Today, a blogger can play a video game and add clever commentary; they can collect obscure video clips and make an amusing compilation video of their own. If they can demonstrate cooking, sewing, music lessons, welding, auto repair or any skill; they can create their own personal niche, and with enough time and perseverance, gain an audience. People flock to watch interesting or curious things. Advertisers, recognizing the fact that 100,000 or a million people per month are looking at this particular blogger, pay them for product placement ads within their videos, or offer them patronage for speaking positively about their product. Some people make thousands of dollars per month, or more. It’s a legitimate job to be interesting.
- Internet Of Things Integrator
More and more frequently, we have intelligent objects becoming part of our daily lives, or “smart” objects form the “Internet of Things” (IoT). Tech-savvy customers can use these smart objects, such as smart cameras, to monitor the comings-and-goings of their dog-walker while they’re on vacation, via their Smartphones. People can view and talk to a delivery person via a smart front door, giving the impression that they’re home, even if they’re still in the office. While some smart objects are relatively easy to navigate, such as the increasingly popular voice activated speakers (Amazon’s “Alexa” or “Echo”), which can provide people with a central running oracle of information there for the asking, other more in-depth systems require a great deal of savvy to properly set up and use.
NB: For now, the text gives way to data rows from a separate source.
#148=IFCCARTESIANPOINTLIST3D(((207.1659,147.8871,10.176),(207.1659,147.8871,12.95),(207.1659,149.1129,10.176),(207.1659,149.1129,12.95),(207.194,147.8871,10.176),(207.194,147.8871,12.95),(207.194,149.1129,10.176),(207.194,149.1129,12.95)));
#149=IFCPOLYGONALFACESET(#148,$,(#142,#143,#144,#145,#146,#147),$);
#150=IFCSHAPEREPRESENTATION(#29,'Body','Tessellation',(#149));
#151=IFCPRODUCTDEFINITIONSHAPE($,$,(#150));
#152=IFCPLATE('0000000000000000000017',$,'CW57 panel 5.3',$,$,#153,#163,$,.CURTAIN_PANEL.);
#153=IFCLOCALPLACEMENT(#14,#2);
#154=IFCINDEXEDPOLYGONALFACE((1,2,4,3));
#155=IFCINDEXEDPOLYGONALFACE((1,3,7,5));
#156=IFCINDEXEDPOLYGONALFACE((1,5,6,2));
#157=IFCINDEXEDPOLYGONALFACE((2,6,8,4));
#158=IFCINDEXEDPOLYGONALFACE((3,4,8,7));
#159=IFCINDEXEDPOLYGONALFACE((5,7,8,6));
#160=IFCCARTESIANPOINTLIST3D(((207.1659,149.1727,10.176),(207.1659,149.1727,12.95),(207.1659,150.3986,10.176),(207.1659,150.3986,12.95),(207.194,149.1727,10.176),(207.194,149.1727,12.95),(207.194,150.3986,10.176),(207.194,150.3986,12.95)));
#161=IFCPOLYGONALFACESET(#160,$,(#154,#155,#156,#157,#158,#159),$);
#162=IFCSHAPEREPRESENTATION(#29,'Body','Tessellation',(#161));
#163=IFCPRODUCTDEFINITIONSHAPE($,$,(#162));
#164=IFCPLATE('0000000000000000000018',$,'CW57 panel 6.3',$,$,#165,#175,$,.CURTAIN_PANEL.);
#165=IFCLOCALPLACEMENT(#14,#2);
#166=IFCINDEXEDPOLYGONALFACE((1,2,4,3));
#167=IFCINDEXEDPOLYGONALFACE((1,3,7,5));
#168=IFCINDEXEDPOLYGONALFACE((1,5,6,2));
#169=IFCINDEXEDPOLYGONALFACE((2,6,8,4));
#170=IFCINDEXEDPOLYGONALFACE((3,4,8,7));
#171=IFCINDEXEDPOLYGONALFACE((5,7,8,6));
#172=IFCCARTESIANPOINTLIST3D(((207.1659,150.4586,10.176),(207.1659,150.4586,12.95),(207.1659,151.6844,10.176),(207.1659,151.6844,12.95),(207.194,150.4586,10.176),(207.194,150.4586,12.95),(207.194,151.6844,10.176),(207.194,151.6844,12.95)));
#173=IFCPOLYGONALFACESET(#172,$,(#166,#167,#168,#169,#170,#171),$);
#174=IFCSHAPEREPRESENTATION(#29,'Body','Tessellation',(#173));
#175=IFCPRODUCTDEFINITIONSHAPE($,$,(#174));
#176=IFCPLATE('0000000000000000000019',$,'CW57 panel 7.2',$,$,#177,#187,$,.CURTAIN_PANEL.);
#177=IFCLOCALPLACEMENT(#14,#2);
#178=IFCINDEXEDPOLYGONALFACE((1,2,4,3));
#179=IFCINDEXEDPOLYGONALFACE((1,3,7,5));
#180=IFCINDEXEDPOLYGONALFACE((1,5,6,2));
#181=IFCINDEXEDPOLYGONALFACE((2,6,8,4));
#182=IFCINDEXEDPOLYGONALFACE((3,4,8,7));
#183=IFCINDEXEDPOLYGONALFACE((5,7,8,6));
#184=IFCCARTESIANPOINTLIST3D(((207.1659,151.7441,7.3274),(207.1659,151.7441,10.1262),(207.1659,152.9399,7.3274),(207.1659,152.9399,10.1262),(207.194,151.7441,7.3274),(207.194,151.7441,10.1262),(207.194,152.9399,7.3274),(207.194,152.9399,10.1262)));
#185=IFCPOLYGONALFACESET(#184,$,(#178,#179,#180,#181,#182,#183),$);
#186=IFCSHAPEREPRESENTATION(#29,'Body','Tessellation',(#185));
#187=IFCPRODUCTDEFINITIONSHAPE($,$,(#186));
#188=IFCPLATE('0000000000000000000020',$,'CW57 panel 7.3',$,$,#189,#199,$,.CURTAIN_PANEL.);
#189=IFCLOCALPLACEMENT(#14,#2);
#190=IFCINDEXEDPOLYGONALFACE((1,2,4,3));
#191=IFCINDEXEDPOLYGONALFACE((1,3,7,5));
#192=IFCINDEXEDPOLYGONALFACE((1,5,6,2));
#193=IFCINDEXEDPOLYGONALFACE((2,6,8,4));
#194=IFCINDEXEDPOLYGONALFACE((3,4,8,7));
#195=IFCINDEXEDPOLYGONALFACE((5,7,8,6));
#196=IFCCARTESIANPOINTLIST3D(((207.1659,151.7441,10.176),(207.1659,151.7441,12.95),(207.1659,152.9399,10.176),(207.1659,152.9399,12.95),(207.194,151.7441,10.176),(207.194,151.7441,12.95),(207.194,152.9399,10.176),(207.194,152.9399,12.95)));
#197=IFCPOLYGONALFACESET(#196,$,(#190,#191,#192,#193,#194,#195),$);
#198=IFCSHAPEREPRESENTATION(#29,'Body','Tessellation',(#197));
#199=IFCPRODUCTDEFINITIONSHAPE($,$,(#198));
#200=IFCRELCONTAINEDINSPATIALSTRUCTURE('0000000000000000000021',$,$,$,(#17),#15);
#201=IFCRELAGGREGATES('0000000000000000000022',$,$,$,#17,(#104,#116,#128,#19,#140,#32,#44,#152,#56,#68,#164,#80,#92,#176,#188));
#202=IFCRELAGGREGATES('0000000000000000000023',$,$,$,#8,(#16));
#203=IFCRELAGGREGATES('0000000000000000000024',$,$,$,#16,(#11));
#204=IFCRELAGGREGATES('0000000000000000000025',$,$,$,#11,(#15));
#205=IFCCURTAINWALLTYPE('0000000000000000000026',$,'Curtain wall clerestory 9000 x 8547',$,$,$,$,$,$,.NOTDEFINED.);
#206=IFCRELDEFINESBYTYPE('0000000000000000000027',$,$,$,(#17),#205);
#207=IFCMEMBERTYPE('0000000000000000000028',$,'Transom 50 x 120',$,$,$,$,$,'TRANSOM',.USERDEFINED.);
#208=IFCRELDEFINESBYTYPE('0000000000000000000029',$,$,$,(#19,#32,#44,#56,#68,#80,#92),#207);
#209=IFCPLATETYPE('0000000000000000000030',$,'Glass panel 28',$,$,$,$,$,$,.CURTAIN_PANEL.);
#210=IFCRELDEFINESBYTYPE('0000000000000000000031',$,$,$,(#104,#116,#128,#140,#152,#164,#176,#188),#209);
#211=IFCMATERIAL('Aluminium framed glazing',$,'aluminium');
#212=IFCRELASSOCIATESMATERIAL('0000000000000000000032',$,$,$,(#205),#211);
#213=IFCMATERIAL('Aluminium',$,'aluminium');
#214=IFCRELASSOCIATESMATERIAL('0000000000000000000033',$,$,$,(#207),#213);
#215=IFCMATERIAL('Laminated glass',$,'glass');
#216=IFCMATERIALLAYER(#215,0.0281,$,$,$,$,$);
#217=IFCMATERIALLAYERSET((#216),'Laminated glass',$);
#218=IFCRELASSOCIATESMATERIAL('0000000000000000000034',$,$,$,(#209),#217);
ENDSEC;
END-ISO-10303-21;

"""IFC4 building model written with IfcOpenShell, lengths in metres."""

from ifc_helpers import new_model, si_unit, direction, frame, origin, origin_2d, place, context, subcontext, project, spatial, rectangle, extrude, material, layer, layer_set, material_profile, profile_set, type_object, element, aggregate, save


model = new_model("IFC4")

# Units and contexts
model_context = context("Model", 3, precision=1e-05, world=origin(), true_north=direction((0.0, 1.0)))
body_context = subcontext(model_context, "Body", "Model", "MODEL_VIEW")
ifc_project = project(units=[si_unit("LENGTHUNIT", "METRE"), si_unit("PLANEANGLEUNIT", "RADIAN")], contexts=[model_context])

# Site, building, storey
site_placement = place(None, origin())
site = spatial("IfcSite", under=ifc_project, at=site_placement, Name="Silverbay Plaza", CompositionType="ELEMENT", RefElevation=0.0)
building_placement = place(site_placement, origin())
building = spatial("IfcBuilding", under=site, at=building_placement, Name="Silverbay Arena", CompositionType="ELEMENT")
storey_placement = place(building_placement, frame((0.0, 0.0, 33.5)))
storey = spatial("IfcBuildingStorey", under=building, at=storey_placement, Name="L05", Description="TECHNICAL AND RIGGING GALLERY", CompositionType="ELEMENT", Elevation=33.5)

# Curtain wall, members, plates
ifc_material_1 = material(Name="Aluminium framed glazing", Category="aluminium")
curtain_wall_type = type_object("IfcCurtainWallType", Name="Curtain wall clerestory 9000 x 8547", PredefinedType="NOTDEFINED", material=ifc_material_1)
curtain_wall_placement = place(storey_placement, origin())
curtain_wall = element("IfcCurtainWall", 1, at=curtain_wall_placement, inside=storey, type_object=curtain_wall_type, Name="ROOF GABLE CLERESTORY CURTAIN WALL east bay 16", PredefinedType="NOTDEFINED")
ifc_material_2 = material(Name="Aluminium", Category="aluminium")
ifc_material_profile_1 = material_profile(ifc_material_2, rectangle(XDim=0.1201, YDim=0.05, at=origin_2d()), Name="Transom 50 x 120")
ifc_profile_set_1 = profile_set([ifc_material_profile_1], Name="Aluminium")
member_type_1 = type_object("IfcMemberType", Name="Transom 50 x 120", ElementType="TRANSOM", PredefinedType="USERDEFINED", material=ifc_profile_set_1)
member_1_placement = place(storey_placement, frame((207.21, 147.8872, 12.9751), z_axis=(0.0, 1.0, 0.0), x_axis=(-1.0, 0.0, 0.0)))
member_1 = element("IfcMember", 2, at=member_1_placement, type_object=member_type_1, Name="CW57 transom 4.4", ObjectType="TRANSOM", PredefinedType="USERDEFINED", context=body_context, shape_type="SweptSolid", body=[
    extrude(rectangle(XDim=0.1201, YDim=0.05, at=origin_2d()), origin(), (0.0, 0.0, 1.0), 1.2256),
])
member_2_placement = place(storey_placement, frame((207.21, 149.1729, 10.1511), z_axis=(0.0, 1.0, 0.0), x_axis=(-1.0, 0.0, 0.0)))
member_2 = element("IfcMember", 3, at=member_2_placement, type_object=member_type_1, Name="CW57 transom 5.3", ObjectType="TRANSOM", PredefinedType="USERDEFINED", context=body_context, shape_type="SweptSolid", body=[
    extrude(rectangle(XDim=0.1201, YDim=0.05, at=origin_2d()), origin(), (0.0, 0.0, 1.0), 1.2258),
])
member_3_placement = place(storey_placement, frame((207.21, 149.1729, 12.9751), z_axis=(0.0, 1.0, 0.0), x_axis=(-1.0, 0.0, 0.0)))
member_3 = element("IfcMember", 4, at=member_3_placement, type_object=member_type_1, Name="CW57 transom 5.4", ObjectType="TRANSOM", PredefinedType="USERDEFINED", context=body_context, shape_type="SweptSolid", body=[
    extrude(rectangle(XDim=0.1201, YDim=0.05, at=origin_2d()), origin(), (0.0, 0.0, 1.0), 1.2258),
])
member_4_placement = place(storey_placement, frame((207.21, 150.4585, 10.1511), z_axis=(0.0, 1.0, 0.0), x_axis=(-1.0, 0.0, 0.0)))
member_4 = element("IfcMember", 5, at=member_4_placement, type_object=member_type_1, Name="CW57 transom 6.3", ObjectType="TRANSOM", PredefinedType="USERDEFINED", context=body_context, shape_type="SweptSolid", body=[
An IoT Integrator is a person who will help people automate their lives, homes, and businesses.
For every traditional job which has been eliminated, technology experts tell us that 2.61 new jobs have been created in its place. The difficulty is that these new jobs are created in a very narrow area of technology. They are often not directly compatible with the jobs which they have replaced.
There are new jobs and new opportunities arising all the time as business continues to evolve. Displaced workers are going to have to make an active effort in order to fit into this new niche. It will require new learning or retraining in most cases, but more importantly, the insight to recognize when your job is likely to be coming to an end so that you can prepare to fit into the new role that will be created.
Pay attention! The future is on its way.